# Went into arrears



## MoneyGreen (15 Jun 2020)

Hi, Everyone. I’m in line for the Mortage Redress from AIB. My balance was 295k when I came off fixed rate in 2010. However I was made Redundant in 2012 and went into arrears for awhile. Mid 2013 I got a new job  it was restructured and the arrears were lumped into remander of Mortage. Payment went from €1500 a month to €1730.  Will this affect my calculation in any way? It was a horrible time and the bank rang me twice a day for months...Nearly split my Marriage because of it all..


----------



## Brendan Burgess (15 Jun 2020)

First of all, you will get the same redress as everyone else.  Your mortgage balance will be written down by €35,400 and you will get interest on that, which will amount to about €12k.  I would be very surprised if AIB tried to argue that the €12k should be set against the arrears. 

But how much arrears were you in? 

If AIB had offered you a tracker at the then prevailing rate, would you have been in arrears? 

If you can successfully argue that AIB pushed you into arrears through overcharging you, then you should be looking for far more compensation.

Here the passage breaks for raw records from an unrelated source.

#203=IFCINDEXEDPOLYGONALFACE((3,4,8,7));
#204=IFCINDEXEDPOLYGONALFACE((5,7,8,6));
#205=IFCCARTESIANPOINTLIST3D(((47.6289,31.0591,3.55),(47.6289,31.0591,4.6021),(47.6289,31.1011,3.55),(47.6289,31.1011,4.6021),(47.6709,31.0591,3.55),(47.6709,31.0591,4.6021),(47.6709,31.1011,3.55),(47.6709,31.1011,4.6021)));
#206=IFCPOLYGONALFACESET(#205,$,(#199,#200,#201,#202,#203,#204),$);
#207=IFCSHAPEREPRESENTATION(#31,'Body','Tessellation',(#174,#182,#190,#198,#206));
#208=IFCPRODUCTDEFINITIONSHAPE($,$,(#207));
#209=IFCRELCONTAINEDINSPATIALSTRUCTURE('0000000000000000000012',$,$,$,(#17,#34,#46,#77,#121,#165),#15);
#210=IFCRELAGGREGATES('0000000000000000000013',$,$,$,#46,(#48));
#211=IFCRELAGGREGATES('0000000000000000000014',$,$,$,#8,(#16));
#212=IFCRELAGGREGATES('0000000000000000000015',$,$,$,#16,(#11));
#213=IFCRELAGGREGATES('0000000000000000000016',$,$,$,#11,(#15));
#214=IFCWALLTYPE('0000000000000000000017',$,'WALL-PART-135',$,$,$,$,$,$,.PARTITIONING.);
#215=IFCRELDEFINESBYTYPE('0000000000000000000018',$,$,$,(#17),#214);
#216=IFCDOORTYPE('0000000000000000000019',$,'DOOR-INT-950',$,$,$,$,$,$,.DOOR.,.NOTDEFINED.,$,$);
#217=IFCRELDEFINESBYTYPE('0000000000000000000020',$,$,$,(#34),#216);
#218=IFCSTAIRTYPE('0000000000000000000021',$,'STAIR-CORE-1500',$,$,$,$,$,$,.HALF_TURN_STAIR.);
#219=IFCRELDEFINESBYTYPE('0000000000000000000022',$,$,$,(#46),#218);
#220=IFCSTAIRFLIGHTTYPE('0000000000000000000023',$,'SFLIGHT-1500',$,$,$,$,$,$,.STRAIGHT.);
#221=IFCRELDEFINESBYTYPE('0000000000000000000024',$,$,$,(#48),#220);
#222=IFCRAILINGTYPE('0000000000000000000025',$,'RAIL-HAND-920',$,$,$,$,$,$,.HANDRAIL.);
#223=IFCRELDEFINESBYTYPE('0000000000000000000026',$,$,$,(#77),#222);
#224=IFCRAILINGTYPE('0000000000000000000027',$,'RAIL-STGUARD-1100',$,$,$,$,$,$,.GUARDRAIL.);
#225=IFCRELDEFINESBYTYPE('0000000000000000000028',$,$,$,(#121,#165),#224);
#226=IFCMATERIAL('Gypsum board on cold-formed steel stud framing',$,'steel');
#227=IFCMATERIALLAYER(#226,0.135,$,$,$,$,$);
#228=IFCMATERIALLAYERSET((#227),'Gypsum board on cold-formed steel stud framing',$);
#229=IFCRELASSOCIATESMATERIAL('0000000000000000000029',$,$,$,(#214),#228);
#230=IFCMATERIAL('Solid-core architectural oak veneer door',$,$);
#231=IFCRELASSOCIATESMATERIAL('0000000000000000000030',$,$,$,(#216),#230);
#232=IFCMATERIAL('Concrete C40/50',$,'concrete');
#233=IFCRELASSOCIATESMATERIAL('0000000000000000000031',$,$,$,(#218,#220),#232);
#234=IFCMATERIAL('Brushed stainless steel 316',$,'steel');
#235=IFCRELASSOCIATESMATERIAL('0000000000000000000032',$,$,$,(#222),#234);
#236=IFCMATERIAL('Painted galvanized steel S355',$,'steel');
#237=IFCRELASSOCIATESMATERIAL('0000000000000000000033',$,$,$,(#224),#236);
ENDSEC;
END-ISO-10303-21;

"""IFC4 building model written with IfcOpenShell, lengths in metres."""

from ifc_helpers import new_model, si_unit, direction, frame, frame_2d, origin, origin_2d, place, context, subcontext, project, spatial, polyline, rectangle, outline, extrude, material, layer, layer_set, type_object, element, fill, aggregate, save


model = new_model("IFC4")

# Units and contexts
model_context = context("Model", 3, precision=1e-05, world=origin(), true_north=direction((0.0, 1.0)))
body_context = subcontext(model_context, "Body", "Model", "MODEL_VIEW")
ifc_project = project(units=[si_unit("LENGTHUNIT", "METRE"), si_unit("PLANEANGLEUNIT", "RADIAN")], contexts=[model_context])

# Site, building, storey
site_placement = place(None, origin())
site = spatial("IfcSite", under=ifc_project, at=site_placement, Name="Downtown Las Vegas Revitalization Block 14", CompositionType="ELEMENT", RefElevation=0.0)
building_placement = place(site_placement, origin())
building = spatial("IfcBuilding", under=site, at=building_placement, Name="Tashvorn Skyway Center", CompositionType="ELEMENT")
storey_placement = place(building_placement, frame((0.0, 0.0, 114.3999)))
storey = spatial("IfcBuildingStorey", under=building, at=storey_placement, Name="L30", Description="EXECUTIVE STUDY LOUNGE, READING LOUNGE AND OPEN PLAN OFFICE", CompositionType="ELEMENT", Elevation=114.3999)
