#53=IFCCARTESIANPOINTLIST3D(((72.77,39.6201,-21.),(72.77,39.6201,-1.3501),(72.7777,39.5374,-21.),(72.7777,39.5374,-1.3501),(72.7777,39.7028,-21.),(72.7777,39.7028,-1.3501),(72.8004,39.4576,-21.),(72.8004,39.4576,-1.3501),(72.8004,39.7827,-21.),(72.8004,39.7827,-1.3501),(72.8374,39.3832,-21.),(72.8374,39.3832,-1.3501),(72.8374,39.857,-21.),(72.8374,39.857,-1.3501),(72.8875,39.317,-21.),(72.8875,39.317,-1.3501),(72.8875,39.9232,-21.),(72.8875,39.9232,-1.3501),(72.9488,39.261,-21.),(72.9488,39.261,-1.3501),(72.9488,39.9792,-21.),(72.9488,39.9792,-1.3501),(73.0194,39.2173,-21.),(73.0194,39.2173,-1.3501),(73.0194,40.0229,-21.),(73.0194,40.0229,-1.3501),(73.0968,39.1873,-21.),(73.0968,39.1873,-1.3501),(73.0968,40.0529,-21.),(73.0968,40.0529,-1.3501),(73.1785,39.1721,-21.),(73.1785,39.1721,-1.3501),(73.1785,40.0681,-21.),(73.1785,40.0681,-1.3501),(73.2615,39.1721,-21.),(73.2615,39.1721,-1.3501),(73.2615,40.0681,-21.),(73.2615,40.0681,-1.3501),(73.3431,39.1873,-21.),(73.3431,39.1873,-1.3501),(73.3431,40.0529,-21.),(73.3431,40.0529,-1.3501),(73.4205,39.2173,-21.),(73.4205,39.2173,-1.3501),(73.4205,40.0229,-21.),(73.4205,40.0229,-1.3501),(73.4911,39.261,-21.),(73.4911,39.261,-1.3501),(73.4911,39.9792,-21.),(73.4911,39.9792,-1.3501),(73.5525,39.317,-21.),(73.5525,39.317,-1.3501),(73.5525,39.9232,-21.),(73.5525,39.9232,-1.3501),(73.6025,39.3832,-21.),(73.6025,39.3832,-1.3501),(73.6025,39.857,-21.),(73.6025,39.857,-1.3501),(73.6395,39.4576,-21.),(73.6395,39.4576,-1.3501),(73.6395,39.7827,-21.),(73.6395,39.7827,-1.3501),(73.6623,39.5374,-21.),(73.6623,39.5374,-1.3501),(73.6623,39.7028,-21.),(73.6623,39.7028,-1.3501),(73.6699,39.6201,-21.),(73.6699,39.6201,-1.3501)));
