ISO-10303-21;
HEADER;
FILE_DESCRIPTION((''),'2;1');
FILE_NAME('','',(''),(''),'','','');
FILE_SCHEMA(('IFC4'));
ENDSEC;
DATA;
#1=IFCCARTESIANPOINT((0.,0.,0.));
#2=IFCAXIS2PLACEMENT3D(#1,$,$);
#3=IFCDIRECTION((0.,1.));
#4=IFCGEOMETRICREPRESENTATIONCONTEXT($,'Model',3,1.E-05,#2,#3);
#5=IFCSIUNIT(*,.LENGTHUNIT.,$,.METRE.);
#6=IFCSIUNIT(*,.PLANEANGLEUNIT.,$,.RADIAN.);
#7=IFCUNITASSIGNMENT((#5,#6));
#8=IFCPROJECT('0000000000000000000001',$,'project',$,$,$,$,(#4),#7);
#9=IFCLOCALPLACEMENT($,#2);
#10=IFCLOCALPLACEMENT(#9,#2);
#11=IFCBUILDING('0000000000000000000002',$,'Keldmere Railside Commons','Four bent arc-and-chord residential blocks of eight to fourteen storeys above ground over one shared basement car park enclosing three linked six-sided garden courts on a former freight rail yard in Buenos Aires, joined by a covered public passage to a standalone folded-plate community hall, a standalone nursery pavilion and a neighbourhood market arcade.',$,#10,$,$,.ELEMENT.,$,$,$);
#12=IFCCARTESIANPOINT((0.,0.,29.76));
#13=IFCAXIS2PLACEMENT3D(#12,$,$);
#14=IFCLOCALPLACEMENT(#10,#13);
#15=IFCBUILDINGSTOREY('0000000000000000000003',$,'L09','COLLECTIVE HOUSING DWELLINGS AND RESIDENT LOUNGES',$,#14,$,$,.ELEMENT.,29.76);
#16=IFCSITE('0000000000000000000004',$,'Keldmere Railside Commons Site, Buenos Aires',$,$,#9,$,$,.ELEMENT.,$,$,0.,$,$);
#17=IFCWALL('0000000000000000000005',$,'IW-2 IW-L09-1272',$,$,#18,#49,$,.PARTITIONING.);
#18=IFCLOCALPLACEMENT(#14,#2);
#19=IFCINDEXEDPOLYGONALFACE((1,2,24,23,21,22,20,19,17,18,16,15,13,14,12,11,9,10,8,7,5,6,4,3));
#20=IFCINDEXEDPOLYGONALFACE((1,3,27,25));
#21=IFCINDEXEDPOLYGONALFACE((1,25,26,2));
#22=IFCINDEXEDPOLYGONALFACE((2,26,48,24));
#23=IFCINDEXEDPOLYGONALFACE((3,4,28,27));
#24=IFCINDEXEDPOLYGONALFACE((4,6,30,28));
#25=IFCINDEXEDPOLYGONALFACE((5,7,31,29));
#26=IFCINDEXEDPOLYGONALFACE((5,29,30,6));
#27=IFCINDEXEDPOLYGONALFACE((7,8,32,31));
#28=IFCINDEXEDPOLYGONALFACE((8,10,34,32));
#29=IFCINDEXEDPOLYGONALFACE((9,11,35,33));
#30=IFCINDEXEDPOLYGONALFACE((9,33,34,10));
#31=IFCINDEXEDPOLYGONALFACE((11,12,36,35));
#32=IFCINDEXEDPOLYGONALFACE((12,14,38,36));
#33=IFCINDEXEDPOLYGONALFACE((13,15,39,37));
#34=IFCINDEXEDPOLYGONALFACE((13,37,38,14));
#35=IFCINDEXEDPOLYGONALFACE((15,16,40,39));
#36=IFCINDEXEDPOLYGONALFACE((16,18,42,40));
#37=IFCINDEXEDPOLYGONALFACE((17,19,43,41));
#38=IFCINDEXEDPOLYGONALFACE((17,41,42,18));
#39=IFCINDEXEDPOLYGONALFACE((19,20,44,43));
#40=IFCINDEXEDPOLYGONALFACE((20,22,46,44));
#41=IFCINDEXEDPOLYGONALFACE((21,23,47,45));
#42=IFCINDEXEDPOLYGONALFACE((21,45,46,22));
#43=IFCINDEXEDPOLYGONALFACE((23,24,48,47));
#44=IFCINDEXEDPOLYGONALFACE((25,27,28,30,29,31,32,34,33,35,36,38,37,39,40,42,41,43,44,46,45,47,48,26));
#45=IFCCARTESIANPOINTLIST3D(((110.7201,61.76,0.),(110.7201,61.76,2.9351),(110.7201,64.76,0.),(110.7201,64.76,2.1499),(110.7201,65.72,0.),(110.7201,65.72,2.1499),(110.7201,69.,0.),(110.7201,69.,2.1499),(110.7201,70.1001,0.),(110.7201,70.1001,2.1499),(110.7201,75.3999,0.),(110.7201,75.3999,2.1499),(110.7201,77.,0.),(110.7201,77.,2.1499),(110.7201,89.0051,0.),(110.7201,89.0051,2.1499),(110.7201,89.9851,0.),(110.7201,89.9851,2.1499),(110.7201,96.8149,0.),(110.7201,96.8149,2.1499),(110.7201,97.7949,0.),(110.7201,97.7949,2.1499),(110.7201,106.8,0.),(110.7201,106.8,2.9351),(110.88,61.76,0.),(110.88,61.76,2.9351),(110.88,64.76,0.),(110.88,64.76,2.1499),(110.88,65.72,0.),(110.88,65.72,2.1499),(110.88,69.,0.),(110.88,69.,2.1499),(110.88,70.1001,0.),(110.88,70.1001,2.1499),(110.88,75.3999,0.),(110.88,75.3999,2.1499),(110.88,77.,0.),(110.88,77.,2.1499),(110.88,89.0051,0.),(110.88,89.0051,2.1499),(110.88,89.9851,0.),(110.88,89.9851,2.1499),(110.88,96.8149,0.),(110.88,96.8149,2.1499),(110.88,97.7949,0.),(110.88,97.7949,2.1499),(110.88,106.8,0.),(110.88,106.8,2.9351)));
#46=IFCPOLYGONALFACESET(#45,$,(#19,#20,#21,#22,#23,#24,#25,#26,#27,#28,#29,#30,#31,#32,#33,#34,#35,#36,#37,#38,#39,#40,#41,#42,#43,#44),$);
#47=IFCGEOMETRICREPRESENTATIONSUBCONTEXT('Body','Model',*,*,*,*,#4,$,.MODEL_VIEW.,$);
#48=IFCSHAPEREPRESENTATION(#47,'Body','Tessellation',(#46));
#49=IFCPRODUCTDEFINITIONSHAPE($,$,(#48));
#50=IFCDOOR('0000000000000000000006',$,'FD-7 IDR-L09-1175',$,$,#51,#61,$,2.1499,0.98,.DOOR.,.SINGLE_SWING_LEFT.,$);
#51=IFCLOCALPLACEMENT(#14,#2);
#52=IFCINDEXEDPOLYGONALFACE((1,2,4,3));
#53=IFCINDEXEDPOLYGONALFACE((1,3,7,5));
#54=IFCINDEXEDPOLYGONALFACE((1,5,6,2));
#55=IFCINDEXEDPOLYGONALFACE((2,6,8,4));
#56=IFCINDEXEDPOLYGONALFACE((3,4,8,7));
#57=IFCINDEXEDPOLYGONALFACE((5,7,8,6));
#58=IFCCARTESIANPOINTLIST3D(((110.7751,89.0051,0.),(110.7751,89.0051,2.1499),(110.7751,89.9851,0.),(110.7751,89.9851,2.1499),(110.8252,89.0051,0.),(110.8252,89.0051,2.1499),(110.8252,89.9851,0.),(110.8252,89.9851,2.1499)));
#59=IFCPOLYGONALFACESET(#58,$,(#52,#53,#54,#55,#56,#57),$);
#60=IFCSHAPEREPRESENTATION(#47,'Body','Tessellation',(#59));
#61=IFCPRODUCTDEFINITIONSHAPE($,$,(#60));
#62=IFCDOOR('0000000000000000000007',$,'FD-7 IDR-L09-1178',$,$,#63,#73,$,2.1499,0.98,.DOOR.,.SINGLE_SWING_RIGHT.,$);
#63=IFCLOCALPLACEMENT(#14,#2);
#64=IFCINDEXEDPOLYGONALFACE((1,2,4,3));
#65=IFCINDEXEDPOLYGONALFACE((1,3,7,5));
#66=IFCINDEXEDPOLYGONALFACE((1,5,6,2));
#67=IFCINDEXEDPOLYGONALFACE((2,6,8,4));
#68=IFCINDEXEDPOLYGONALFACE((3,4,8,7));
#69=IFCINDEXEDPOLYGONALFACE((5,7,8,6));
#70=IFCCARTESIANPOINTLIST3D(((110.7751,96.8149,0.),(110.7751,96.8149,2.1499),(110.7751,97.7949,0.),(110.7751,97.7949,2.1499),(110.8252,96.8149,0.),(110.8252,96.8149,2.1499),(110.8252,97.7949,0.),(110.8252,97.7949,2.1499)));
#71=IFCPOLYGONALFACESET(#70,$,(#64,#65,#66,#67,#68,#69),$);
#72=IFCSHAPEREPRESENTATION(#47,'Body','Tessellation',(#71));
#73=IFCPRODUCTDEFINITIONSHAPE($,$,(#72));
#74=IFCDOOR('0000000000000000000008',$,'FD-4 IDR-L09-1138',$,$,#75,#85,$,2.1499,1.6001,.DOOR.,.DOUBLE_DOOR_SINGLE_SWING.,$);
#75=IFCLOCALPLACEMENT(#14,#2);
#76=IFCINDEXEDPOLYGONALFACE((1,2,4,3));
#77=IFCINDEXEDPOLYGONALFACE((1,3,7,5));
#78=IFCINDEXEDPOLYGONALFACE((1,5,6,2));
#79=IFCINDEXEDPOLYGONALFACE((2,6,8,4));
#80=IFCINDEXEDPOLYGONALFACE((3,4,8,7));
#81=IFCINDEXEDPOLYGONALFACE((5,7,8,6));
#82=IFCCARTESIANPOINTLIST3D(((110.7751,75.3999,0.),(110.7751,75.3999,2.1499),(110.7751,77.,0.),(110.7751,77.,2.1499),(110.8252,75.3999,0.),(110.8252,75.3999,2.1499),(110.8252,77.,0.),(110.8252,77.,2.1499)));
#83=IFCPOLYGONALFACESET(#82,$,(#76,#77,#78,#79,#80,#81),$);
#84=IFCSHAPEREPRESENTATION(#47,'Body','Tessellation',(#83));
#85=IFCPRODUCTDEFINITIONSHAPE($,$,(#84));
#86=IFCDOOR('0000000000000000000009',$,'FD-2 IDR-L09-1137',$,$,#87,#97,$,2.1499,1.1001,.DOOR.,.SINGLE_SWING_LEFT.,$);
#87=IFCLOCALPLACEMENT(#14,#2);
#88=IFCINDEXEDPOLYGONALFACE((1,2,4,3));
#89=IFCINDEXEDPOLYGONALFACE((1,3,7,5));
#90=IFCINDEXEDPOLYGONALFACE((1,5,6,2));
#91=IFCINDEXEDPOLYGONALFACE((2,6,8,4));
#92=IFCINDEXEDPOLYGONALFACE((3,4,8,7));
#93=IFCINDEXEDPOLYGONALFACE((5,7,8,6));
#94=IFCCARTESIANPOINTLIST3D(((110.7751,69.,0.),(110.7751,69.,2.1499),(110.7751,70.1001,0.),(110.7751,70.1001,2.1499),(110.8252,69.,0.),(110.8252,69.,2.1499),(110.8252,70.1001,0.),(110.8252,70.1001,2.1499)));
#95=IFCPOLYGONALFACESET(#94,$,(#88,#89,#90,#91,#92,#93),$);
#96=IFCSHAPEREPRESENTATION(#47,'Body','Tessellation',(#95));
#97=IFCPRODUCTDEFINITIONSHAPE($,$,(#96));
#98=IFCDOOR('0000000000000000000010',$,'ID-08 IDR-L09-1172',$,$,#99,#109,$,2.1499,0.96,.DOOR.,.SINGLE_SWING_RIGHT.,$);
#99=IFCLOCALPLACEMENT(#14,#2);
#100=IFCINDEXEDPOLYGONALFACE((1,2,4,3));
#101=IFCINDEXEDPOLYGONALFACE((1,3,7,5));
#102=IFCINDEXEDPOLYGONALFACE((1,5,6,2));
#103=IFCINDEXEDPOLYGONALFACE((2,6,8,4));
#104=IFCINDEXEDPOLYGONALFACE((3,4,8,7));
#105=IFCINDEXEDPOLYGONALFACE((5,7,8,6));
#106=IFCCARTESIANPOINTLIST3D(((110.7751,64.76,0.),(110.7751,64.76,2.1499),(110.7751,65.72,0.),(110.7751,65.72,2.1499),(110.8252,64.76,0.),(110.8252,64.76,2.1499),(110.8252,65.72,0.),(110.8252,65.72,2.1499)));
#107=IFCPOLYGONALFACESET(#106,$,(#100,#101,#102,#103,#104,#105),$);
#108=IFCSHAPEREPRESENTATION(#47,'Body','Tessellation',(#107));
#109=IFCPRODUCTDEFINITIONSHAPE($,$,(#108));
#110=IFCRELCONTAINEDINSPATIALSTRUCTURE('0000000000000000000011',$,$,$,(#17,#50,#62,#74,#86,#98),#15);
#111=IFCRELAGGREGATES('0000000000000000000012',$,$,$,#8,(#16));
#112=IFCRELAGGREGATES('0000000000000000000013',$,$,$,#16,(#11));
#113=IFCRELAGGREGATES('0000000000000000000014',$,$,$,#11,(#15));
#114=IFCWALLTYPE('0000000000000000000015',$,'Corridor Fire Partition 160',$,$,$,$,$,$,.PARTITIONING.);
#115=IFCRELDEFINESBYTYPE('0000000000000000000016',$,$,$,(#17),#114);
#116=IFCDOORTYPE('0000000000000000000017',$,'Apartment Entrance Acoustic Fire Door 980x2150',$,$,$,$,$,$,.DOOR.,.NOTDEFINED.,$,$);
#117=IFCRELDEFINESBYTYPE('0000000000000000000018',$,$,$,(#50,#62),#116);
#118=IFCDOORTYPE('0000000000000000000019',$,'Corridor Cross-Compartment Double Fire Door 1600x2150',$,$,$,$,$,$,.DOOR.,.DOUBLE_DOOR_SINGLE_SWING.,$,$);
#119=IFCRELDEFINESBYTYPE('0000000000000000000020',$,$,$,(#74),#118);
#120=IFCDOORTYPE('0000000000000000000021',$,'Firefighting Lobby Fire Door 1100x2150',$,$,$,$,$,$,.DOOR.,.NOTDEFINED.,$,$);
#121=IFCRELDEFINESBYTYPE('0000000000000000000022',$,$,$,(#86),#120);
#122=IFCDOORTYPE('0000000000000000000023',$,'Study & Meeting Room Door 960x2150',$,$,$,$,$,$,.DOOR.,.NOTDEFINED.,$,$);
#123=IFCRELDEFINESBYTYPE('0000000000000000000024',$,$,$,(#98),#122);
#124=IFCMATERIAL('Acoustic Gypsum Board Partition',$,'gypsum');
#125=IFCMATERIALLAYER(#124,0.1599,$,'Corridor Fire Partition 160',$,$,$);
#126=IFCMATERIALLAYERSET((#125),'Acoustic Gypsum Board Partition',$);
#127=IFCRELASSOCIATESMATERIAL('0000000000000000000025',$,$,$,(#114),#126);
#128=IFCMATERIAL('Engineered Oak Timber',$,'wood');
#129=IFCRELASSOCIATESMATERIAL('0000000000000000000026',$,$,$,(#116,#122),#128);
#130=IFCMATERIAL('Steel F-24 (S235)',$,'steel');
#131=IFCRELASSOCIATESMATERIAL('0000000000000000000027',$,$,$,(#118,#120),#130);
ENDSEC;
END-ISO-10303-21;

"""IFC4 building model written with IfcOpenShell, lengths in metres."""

from ifc_helpers import new_model, si_unit, direction, frame, frame_2d, origin, place, context, subcontext, project, spatial, rectangle, extrude, material, layer, layer_set, type_object, element, fill, save


model = new_model("IFC4")

# Units and contexts
model_context = context("Model", 3, precision=1e-05, world=origin(), true_north=direction((0.0, 1.0)))
body_context = subcontext(model_context, "Body", "Model", "MODEL_VIEW")
ifc_project = project(units=[si_unit("LENGTHUNIT", "METRE"), si_unit("PLANEANGLEUNIT", "RADIAN")], contexts=[model_context])

# Site, building, storey
site_placement = place(None, origin())
site = spatial("IfcSite", under=ifc_project, at=site_placement, Name="Keldmere Railside Commons Site, Buenos Aires", CompositionType="ELEMENT", RefElevation=0.0)
building_placement = place(site_placement, origin())
building = spatial("IfcBuilding", under=site, at=building_placement, Name="Keldmere Railside Commons", Description="Four bent arc-and-chord residential blocks of eight to fourteen storeys above ground over one shared basement car park enclosing three linked six-sided garden courts on a former freight rail yard in Buenos Aires, joined by a covered public passage to a standalone folded-plate community hall, a standalone nursery pavilion and a neighbourhood market arcade.", CompositionType="ELEMENT")
storey_placement = place(building_placement, frame((0.0, 0.0, 29.76)))
storey = spatial("IfcBuildingStorey", under=building, at=storey_placement, Name="L09", Description="COLLECTIVE HOUSING DWELLINGS AND RESIDENT LOUNGES", CompositionType="ELEMENT", Elevation=29.76)

# Shared definitions
ifc_material_1 = material(Name="Acoustic Gypsum Board Partition", Category="gypsum")
ifc_material_2 = material(Name="Engineered Oak Timber", Category="wood")

# Wall, openings, doors
ifc_layer_1 = layer(ifc_material_1, 0.1599, Name="Corridor Fire Partition 160")
ifc_layer_set_1 = layer_set([ifc_layer_1], Name="Acoustic Gypsum Board Partition")
wall_type_1 = type_object("IfcWallType", Name="Corridor Fire Partition 160", PredefinedType="PARTITIONING", material=ifc_layer_set_1)
wall_1_placement = place(storey_placement, frame((110.8, 61.76, 0.0), z_axis=(0.0, 0.0, 1.0), x_axis=(0.0, 1.0, 0.0)))
wall_1 = element("IfcWall", 1, at=wall_1_placement, inside=storey, type_object=wall_type_1, Name="IW-2 IW-L09-1272", PredefinedType="PARTITIONING", context=body_context, shape_type="SweptSolid", body=[
    extrude(rectangle(XDim=45.04, YDim=0.1599, at=frame_2d((22.52, 0.0))), origin(), (0.0, 0.0, 1.0), 2.9351),
])
opening_1_placement = place(wall_1_placement, frame((7.24, 0.0, 0.0)))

However, in most arrears cases, people who lost their job made very few payments, so it wouldn't have mattered what the interest rate was. They would still have been in arrears.

Brendan


----------



## MoneyGreen (15 Jun 2020)

Hi Brendan,

I went 16k or there about in arrears at the time. I rang the help line but they could only tell me I’m included and what my principal sum was in 2010. She had no other information but it was just a little niggle worry for me it might somehow affect it. The monthly payment seemed so unachievable when I was out of work I didn’t even try to pay it. I had 3 children under age of 3 at the time and didn’t know was I coming or going. I rang them told them I was out of work and would be using all my energy getting new employment.  I knew I’d get working in a few months and so it panned out.  I can’t help but feel anger when I think of the stress they put me under while all the time overcharging me.. Thankful to you so much for bringing this to a successful outcome and helping make things easier in the future


----------